Attorneys’ Fees and Expenses. Claims for attorneys’ fees and expenses, other than costs and disbursements, shall be made by motion unless the substantive law governing the action provides for the recovery of such fees and expenses as an

2 No. 48957-1-II

element of damages to be proved at trial. Unless otherwise provided by statute or order of the court, the motion must be filed no later than 10 days after entry of judgment.

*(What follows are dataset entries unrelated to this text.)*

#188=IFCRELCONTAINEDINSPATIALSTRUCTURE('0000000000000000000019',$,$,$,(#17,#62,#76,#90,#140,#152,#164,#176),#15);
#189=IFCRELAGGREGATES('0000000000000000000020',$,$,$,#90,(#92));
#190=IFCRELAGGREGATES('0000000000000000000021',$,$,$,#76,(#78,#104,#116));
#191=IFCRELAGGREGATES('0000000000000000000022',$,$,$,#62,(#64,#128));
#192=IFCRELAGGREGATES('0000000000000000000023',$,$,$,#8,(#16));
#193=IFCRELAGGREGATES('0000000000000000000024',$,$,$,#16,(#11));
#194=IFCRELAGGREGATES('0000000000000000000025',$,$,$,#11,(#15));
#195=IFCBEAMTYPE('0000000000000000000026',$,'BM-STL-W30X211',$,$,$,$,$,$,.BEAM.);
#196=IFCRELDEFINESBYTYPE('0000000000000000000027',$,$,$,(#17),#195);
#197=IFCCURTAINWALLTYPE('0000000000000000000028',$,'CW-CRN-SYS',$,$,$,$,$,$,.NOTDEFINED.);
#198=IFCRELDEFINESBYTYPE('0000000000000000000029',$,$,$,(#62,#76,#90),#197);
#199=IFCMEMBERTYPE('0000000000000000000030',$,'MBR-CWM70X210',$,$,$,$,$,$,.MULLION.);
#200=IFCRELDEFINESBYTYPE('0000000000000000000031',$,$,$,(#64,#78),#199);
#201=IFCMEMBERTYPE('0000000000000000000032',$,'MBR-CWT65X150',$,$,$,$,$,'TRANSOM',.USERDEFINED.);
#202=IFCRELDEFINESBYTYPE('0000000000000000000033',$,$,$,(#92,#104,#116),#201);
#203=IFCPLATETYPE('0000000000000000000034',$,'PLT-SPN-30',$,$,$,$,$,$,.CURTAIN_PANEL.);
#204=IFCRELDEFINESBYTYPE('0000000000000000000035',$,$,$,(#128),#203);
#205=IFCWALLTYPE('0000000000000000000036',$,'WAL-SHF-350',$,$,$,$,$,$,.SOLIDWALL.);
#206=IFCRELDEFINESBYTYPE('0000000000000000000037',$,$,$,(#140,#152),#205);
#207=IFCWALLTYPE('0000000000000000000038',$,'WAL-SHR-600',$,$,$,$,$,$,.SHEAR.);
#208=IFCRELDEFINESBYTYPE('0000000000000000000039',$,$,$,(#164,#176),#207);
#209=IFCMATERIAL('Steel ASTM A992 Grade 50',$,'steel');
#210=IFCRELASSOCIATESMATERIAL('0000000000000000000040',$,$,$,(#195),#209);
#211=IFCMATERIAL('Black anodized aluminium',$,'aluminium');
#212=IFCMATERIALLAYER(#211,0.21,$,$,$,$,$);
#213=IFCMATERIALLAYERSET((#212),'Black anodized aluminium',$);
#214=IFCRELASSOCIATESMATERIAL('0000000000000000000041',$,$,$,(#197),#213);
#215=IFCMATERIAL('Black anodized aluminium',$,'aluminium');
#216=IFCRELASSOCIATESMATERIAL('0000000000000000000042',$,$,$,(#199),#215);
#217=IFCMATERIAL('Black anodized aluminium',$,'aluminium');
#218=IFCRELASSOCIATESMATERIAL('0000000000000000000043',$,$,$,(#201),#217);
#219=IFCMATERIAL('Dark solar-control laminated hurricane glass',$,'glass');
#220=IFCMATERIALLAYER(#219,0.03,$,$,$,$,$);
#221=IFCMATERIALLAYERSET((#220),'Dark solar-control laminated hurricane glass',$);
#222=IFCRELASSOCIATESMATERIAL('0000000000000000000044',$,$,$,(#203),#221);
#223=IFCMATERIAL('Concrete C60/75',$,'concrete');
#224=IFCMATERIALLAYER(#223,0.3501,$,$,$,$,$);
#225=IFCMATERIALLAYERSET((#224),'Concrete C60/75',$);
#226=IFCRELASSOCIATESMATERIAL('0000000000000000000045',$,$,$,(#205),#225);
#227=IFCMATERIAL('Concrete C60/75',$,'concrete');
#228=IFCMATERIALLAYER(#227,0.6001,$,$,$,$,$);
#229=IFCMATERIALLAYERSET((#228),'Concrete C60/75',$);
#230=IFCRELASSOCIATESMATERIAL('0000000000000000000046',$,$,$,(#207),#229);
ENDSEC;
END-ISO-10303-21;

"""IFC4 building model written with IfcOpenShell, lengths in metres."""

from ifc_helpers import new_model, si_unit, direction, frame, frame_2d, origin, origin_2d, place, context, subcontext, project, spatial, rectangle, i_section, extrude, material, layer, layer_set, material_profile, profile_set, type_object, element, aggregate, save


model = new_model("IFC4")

Wheeler makes four arguments supporting her assertion that the trial court erred by denying

her request for attorney fees: (1) the trial court should apply the best interests of the child standard

when determining motions for attorney fees following modification of a parenting plan; (2) public

policy supports encouraging parties to settle out of court; (3) the trial court should allow parties to

file motions for attorney fees if filed within a reasonable time; and (4) RCW 26.09.040 allows the

trial court to award attorney fees “from time to time.” Br. of App. at 9-13. Wheeler’s arguments

lack merit. Accordingly, we affirm.

II. BEST INTERESTS OF THE CHILD STANDARD

First, Wheeler argues that the trial court should have applied the best interests of the child

standard to determine whether to consider her motion for attorney fees. This argument lacks merit

because the plain language of the statutes governing actions under chapter 26.09 RCW clearly

applies the best interests of the child standard only to decisions related to allocation of parental

responsibilities.

The meaning of a statute is a question of law that we review de novo. In re Marriage of

Persinger, 188 Wn. App. 606, 609, 355 P.3d 291 (2015). “The purpose of statutory interpretation

is to determine and give effect to the legislature’s intent.” Persinger, 188 Wn. App. at 609. To

determine legislative intent, we first look to the plain language of the statute. Persinger, 188 Wn.

App. at 609.

3 No. 48957-1-II

RCW 26.09.002 provides, in relevant part,

In any proceeding between parents under this chapter, the best interests of the child shall be the standard by which the court determines and allocates the parties’ parental responsibilities.

Chapter 26.09 RCW does not define “parental responsibilities.” However, RCW 26.09.004

defines “parenting functions” as “those aspects of the parent-child relationship in which the parent

makes decisions and performs functions necessary for the care and growth of the child” including

providing financial support for the child.

Here, awarding attorney fees does not fall within the allocation of parental responsibilities

governed by the best interests of the child standard. Parental responsibilities includes providing

financial support to the child, but payment of attorney fees is not financial support for the child—

it is financial support for the parents’ attorneys. Wheeler argues that imposing attorney fees on a

parent affects the parent’s ability to provide financial support for the child. However, Wheeler’s

argument is unpersuasive because the plain language of the statute applies the best interests of the

child standard to decisions directly allocating parental responsibilities rather than issues that

collaterally affect a parent’s ability to otherwise meet his or her obligations.

Moreover, applying a best interests of the child standard would conflict with the plain

language of the statute governing the award of attorney fees. Under RCW 26.09.140, the trial

court awards attorney fees after “considering the financial resources of both parties.” Nothing in

the plain language of RCW 26.09.140 indicates that the trial court should consider the best interests

of the child rather than the financial resources of the parties.